On the 16th September we moved back down to PV2, this was a slightly quicker journey on the way back as we were going down river with the current. Our time at PV2 was quiet but enjoyable, we found many interesting species including one which I have not yet recorded in the reserve. The rain was very heavy on many days even causing us to cancel a few transects. It’s usually not the rain that is dangerous but the wind, this can cause tree falls which would not be fun if they were to happen close by!! This heavy rainfall did cause many temporary pools which caused some interesting species to appear and start breeding within them. We also visited the lake where the water level had dropped quite significantly and most of the ground was out the water and covered in grass. There were many different bird species in the lake such as egrets and horned screamers, one of the loudest birds I have ever seen and also rather strange looking.
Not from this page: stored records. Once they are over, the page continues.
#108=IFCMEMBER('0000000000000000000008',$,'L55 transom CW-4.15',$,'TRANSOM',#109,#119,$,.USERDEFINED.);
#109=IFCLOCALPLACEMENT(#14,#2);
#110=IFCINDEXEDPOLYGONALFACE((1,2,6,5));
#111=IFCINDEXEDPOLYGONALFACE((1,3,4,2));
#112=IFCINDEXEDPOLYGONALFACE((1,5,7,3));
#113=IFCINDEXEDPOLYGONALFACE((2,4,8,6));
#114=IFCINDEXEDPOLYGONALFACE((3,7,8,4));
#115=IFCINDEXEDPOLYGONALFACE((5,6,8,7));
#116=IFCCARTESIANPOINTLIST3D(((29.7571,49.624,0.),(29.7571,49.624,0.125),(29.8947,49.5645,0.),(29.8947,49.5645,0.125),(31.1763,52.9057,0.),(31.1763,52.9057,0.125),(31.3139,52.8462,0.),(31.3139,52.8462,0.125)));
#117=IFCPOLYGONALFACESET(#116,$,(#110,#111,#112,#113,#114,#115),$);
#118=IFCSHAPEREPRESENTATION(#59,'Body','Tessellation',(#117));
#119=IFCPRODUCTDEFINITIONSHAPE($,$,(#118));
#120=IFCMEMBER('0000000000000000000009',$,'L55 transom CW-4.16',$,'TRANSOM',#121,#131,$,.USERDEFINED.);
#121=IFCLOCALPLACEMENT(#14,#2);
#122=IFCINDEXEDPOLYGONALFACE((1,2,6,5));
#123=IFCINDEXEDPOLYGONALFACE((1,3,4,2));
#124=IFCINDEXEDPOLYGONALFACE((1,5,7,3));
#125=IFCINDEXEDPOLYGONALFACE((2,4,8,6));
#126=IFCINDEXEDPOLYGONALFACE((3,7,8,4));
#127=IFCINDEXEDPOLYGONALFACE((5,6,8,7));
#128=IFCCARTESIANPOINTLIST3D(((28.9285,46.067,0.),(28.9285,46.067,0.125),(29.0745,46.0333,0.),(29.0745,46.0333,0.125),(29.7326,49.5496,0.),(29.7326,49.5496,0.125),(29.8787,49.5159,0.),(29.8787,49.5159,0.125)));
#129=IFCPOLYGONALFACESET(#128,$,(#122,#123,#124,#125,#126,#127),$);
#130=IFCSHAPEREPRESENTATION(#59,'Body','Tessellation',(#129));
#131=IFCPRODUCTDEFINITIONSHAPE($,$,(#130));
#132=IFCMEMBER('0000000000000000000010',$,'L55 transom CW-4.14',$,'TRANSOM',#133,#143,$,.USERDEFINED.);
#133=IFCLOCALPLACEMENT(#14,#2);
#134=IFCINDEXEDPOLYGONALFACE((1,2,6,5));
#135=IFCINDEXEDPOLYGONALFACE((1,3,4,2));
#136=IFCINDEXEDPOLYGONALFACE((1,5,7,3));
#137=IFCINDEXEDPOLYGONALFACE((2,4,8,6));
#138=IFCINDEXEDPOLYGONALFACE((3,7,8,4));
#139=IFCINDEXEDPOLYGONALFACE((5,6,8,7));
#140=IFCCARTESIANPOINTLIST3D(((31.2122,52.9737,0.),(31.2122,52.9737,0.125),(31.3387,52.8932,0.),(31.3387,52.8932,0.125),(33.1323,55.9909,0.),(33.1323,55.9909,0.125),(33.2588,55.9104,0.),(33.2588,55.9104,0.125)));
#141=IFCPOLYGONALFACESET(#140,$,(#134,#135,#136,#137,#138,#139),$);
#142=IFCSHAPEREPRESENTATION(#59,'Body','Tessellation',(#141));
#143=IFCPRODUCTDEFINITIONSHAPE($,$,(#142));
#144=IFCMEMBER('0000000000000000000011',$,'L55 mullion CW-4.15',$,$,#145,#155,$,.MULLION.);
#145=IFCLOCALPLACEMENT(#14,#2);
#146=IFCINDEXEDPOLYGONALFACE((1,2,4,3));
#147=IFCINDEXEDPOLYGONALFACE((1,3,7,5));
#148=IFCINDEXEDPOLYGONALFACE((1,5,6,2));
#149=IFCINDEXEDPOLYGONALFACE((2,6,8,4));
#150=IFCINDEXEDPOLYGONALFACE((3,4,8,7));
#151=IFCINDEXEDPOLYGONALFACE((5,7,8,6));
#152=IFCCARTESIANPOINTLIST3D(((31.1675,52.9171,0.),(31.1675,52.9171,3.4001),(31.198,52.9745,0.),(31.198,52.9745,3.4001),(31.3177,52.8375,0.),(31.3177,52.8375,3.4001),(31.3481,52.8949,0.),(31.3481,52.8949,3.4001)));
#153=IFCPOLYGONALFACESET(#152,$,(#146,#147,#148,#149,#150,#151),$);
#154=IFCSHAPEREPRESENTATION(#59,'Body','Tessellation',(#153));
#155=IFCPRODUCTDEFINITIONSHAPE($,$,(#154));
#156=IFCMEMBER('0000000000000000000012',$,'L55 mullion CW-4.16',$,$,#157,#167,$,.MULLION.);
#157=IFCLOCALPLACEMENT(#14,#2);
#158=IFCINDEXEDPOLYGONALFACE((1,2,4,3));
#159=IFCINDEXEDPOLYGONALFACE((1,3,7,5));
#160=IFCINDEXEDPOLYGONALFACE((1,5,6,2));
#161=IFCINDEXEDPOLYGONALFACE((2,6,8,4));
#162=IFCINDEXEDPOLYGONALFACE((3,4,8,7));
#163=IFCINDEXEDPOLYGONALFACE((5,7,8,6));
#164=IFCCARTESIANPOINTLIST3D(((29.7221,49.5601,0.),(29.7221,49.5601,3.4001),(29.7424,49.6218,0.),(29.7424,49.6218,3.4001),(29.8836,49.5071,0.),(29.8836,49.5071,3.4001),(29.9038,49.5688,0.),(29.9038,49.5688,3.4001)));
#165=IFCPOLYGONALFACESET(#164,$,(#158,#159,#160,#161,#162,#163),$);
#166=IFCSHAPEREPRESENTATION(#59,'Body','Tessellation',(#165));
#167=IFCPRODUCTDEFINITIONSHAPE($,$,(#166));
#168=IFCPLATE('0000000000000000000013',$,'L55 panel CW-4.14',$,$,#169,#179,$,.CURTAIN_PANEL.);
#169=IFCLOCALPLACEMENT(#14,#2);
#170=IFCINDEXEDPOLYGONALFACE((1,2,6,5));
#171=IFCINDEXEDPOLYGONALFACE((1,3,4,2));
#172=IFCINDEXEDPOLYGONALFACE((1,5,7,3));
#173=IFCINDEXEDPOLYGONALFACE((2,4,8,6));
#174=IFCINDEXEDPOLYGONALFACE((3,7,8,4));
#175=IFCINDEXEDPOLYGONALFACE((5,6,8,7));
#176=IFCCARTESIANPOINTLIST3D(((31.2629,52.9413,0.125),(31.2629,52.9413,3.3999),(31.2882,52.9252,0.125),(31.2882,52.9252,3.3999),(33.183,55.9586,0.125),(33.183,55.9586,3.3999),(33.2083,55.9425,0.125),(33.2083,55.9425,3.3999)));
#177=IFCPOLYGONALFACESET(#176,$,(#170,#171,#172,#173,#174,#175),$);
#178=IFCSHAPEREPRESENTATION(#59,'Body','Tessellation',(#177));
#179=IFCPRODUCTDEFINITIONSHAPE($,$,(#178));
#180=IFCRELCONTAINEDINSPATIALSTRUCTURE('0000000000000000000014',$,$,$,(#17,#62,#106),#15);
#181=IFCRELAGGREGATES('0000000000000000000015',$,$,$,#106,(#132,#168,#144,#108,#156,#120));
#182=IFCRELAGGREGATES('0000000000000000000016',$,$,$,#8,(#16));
During this time Sophie and I were quite busy cooking, and surveying with some time in between to relax and type up data. We were very pleased after a few weeks when an Earthwatch group arrived, although only a small group of four people they were very lovely and welcoming even letting us join them for some cold beers which was very much appreciated! We spend the final days with them, assisting with surveys and taking them out to do floating meadow frog surveys.

We arrived back in Iquitos on the 5th and all went for a nice meal at the Pizza restaurant followed by some beers at a local bar. The plan before returning home is to visit the manatee sanctuary and the zoo, before flying to Lima where we will spend one night before flying back to the UK!